皇帝哈哈大笑,他实在是爱惨了她这副娇羞的模样。
“都这样了,还想着回掖庭,嗯?”
蘅言趴在他怀里,闷声闷气的说道:“才不要留在建章宫呢,不然早晚得有一天,被人卖了还在帮人数钱呢。”
皇帝循循善诱的帮着她分析:“你今儿个回去也瞧了,就因为你升发了,就被人呲哒成那样。

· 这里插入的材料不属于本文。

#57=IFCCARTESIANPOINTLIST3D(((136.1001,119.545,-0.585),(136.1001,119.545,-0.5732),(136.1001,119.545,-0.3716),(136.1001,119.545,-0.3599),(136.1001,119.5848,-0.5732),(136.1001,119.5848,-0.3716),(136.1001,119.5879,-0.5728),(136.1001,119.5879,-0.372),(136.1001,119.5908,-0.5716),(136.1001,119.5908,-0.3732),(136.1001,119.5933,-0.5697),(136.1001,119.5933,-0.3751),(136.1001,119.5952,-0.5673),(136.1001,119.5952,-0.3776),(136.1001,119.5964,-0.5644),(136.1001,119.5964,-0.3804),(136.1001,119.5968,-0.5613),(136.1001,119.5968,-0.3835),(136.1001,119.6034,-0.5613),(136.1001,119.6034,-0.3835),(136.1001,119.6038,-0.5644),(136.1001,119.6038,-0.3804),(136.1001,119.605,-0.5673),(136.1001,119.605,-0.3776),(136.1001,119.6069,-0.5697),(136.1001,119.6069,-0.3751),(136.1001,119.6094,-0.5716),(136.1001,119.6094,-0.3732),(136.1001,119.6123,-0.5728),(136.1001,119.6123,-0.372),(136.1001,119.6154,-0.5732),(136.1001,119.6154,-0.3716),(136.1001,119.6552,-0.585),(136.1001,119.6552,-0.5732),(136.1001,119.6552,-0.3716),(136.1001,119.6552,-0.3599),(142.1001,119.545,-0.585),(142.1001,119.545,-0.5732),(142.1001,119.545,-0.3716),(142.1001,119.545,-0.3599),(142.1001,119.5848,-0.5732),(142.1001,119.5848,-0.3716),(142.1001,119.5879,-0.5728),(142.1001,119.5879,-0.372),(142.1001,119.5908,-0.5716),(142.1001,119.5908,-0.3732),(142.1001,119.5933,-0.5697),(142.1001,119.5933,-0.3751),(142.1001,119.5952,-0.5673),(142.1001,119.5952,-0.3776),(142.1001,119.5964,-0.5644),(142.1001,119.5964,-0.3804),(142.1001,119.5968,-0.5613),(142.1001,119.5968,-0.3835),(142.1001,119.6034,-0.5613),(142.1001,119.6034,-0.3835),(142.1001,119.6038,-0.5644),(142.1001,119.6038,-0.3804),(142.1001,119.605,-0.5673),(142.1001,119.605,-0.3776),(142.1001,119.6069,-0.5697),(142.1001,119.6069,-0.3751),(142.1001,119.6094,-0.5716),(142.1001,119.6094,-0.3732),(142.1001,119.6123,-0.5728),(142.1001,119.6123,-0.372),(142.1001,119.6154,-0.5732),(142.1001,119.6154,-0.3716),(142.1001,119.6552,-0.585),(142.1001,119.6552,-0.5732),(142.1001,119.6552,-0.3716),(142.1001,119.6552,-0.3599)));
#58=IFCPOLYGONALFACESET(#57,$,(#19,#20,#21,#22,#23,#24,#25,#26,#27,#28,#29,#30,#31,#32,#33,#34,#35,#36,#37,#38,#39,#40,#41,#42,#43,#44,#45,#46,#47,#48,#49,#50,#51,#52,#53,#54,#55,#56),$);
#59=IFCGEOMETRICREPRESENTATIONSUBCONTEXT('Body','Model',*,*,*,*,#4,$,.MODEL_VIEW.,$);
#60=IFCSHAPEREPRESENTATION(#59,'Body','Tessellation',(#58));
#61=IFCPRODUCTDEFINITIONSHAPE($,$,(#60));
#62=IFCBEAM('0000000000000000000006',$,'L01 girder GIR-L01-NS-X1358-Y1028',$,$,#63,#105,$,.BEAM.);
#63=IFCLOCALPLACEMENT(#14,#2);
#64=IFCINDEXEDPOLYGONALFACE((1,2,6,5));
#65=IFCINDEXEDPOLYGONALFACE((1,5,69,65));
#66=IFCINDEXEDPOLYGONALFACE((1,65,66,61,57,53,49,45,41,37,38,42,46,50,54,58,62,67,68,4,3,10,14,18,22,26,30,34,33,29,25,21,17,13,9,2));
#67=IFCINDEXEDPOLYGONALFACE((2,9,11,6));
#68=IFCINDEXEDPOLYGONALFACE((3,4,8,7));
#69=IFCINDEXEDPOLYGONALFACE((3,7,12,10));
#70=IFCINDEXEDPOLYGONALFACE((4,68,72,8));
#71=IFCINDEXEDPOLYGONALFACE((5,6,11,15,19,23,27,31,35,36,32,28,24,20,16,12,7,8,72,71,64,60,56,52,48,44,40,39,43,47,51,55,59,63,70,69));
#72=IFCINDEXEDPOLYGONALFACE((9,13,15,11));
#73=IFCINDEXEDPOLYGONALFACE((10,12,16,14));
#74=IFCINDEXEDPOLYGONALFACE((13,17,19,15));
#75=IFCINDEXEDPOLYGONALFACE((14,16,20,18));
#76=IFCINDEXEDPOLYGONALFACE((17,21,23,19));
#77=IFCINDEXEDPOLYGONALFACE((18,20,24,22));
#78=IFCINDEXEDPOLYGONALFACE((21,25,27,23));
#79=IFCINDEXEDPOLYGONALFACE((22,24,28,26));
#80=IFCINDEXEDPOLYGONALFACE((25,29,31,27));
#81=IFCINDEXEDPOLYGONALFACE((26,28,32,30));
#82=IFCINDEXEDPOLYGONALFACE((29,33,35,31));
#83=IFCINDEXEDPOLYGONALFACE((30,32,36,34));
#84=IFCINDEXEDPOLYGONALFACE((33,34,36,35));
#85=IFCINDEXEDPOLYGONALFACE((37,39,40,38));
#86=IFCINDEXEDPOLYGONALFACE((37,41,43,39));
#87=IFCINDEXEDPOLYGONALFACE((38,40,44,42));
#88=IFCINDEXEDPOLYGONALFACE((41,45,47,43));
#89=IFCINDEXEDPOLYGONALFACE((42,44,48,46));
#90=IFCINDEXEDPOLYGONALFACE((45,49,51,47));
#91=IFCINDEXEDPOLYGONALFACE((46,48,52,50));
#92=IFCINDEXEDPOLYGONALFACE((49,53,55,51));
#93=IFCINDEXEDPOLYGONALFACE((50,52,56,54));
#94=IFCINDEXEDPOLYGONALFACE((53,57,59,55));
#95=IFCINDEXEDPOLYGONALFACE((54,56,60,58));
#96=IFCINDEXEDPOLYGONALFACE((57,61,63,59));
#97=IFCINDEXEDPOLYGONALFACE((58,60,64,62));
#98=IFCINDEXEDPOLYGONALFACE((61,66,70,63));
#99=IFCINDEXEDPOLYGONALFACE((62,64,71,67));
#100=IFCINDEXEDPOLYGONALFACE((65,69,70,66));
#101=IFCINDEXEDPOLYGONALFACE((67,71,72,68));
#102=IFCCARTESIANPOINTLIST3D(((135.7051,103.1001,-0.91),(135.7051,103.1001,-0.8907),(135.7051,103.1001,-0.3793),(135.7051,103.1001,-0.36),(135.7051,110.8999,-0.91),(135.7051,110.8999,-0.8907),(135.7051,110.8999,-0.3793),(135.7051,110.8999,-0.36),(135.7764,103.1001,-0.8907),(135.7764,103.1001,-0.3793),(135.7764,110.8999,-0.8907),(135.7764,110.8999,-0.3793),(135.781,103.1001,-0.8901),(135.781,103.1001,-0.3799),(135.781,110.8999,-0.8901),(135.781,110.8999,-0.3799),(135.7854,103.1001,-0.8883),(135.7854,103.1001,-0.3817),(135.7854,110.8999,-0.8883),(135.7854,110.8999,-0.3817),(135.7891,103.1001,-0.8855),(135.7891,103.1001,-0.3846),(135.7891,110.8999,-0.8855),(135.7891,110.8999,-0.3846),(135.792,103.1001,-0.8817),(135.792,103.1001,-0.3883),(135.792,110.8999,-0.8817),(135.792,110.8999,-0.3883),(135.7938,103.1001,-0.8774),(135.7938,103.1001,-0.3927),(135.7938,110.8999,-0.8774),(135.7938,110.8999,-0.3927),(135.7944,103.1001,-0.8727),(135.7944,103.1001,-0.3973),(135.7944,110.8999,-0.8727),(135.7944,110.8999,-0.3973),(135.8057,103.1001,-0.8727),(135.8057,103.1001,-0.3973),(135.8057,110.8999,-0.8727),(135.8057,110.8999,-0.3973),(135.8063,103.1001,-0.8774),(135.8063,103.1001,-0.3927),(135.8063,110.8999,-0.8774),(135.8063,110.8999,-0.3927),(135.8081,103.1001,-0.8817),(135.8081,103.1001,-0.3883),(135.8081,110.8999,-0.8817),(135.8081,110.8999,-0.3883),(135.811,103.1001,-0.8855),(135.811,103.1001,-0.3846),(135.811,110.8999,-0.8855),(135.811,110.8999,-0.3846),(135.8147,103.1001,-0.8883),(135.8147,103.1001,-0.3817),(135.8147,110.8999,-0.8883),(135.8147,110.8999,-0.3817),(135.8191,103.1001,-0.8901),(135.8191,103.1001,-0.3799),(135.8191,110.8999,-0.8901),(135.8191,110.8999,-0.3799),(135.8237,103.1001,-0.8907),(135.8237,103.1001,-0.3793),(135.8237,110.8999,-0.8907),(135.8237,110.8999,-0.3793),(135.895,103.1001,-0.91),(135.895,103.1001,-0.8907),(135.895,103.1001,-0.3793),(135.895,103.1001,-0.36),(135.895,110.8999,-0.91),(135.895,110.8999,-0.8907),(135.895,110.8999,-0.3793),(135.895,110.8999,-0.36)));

要是你现在回了掖庭,你觉得她们会怎么说你?甭说是回掖庭了,只要离了建章宫,在别的地儿做活,依然是被一堆人捉弄。
人呢,只能往上走才不会被有心瞧你笑话的人嘲笑。
如今这宫里面儿,比御前司寝姑姑位子还高的,也只有六尚总管尚书了。”
“那奴婢就为了那个位置努力着。”
皇帝说太天真了:“六尚归皇后管,你目前这状况,落在皇后手里,可不是死路一条。”
蘅言没办法了,想了想说道:“那奴婢出宫。”
“出宫?不到年龄被放出宫的宫女,最多配个操刀子的。”
蘅言纠结死了:“那奴婢就再等六年出宫好了。”
六年?皇帝无声笑了,六年的时间,孩子都会打酱油了。
皇帝心情忽然大好,起身说道:“朕困了,你赶紧起来,伺候朕沐浴。”
“不是有司浴的太监么?”
蘅言脸红烫红烫的,别扭死了:“哪有司寝管皇帝沐浴的?”
“怎么?”
皇帝瞬间冷了脸:“《宫规》你忘了?”
蘅言没法子,只好随他去了净室。